Wetherill v. New Jersey Zinc Co.

29 F. Cas. 832, 1 Ban. & A. 105
CourtU.S. Circuit Court for the District of New Jersey
DecidedMarch 15, 1874
StatusPublished
Cited by1 cases

This text of 29 F. Cas. 832 (Wetherill v. New Jersey Zinc Co.) is published on Counsel Stack Legal Research, covering U.S. Circuit Court for the District of New Jersey primary law. Counsel Stack provides free access to over 12 million legal documents including statutes, case law, regulations, and constitutions.

Bluebook
Wetherill v. New Jersey Zinc Co., 29 F. Cas. 832, 1 Ban. & A. 105 (circtdnj 1874).

Opinion

McKENNAN, Circuit Judge.

At a final hearing of this cause, it was adjudged, that the-defendants had infringed letters patent [No. 13,806] granted to Samuel Wetherill. on the 13th of November, 1855, and extended for seven years, for a process for making white oxide of zinc, and they were perpetually enjoined “from the further constructing, using, or selling in any way or manner, directly or indirectly, the said patented improvements or any part or parts thereof.” They are now alleged to have violated this injunction, in the use of a process substantially the same as Wetherill’s, or at least embracing its essential features, and a motion has been made for an attachment against them for contempt.

The affidavits presented in support of this motion, fully sustain the alleged violation of the injunction. This is controverted by counter affidavits. and hence it is urged that the motion should be denied, and the question of infringement involved, investigated and determined upon a new bill.

It is certainly desirable that any adjudication by the court, touching interests of such magnitude as are involved in this proceeding, should be in such form that it may be susceptible of revision by a superior tribunal. But that is no sufficient reason for withholding from a litigant Hie benefit of a remedy to which he is entitled, if he establishes a meritorious claim to it, nor would it justify the court in abdicating the discharge of a duty which the law imposes upon it.
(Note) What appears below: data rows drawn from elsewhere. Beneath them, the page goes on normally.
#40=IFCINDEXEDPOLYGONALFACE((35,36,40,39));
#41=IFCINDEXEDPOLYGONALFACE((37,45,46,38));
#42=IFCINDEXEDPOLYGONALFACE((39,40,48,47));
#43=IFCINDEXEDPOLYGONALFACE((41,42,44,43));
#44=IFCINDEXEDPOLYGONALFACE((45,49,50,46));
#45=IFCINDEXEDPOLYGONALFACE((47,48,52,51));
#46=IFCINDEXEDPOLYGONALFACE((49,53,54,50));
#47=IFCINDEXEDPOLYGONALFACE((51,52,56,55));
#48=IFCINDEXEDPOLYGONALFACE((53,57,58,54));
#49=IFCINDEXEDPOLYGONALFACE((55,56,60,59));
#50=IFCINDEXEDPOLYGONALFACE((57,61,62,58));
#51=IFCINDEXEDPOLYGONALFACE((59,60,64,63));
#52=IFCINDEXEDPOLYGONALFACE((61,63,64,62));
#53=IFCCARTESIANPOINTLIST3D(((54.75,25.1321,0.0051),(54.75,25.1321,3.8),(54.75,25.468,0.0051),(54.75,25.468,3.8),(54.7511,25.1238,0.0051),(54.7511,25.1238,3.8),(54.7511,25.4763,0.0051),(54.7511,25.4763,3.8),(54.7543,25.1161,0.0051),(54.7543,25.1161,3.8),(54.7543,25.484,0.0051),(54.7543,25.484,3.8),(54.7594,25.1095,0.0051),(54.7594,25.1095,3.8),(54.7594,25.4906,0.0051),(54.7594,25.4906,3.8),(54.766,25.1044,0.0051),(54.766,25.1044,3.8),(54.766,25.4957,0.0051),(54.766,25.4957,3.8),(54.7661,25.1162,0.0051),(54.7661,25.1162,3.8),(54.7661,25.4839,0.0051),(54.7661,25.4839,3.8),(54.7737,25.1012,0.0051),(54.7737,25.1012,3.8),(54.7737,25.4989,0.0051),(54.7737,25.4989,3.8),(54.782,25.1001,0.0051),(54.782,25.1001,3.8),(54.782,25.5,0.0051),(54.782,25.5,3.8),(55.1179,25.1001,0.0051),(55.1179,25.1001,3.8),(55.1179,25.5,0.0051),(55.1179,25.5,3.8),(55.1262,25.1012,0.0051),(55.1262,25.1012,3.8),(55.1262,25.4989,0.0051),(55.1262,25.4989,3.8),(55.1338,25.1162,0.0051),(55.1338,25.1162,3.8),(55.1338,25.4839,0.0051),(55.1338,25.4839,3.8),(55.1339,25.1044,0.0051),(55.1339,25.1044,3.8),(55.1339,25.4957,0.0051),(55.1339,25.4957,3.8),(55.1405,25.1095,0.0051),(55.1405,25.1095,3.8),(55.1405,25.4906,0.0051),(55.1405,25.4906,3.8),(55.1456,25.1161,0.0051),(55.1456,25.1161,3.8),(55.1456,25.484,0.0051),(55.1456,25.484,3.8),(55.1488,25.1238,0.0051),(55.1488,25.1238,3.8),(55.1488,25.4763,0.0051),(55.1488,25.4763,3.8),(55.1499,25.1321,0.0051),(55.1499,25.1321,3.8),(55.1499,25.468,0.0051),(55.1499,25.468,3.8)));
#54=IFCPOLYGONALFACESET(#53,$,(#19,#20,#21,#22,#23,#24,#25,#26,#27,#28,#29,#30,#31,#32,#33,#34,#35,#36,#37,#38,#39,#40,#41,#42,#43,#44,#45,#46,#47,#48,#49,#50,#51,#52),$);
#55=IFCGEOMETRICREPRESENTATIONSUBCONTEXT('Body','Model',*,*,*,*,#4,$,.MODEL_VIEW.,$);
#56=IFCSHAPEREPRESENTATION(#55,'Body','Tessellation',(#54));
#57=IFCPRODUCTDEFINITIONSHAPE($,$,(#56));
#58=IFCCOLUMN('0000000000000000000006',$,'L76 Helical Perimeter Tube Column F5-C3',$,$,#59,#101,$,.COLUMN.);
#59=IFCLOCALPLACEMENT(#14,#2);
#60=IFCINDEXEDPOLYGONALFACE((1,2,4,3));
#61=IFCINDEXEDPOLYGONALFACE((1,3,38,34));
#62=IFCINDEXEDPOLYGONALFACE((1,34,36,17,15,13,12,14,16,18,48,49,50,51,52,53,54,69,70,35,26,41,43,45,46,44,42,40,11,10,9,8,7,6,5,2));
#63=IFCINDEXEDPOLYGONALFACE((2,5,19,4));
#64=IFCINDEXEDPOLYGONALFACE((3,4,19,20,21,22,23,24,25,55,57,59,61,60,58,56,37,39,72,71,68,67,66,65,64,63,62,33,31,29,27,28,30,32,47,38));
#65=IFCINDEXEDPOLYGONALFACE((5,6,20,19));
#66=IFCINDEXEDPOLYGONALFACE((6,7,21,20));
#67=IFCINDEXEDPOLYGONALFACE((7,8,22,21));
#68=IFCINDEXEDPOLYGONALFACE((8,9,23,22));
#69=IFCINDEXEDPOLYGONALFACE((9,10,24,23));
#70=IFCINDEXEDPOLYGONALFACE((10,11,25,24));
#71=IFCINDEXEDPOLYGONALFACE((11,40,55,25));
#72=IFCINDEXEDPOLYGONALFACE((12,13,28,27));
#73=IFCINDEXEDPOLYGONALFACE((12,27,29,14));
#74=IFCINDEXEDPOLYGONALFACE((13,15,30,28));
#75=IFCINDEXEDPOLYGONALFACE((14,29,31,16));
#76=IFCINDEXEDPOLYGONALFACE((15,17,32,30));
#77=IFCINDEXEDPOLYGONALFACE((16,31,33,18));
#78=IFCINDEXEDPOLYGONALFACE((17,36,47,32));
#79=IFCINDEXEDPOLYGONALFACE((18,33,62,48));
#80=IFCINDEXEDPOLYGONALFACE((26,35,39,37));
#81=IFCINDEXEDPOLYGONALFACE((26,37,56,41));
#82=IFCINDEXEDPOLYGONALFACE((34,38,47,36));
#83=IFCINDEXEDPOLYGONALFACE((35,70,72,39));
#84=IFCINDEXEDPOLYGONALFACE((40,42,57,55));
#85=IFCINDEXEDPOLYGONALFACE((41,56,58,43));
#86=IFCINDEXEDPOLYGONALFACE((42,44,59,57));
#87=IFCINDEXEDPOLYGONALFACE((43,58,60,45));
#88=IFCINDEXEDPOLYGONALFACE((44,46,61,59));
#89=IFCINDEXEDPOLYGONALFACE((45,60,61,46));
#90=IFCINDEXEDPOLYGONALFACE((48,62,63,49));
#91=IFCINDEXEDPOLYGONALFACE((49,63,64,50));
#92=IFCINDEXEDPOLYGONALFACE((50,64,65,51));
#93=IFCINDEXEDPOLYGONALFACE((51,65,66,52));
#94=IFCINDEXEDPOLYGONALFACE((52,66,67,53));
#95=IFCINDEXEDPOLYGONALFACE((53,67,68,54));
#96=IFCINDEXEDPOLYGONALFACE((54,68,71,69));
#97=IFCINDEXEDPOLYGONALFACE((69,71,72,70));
Not only has a party, in whose favor judicial process has been awarded, a right to demand the full measure of protection it was intended to afford him, but, in a more general sense, it is essential to the due administration of justice, that obedience to it should be enforced. If its requirements are wilfully unheeded, a summary method of correction is [833]*833imperative; on the other hand, if the delinquency, either as to its character or the fact of its commission, is doubtful upon the proofs, such mode of interposition ought not to be applied. This is the import of all the authorities. It is not enough, therefore, to arrest a summary exercise of the power of the court, that the proofs of the violation of its decree are conflicting, or that the thing used by the respondent is, in some of its features, different from the thing whose use is interdicted. The evidence must be carefully weighed, and as it establishes clearly or falls short of establishing a substantial transgression, it is the duty of the court to act or forbear to act accordingly.

The decisive inquiry here, then, is whether a violation of the injunction is satisfactorily proved. Before Wetherill’s invention metallic ores were reduced by means of blast and muffled furnaces; and at the final hearing of this cause, the methods of operation in both of these were fully described to illustrate the state of the art, and to establish the novelty of Wetherill's method. To contradistin-guish these processes, as well as to indicate the points of resemblance between the process used by the defendants and claimed to be an infringement, and Wetherill’s, the characteristic features of Wetherill’s process were stated to consist in the employment of a thin bed-fire of chestnut coal and of a superin-cumbent layer of pulverized ore and pea coal of the approximate thickness of three inches; the enforced passage of atmospheric air in numerous jets through the mass, by which its combustion is maintained; the vaporization of the zinc and its oxidation in the furnace above the charge, when the zinc in the ore is expelled, and the repetition of the process. In the blast-furnace — to which alone, as a prior device, it is necessary to refer — the fuel and ore are not comminuted, nor is the charge spread in a thin layer, and when its working is begun it must necessarily be continued without interruption until the furnace is blown out. In all these particulars the Weth-erill process is different. The bed-fire consists of fuel in a comminuted form: so also does the charge of mingled ore and carbon. This charge is spread in a layer of the maximum depth of eight or nine inches, and through it, is diffused a blast of air, not only to keep up combustion, but to supply the vaporized zinc with sufficient oxygen in the furnace-chamber to convert it into white oxide, and, when the metallic zinc is expelled from the ore. the scoria or slag is removed, and the process repeated. It is thus an alternating process, inasmuch as it is susceptible of temporary suspension and repetition, whereby it is distinguishable from the operation of the blast-furnace, which is continuous and incapable of interruption.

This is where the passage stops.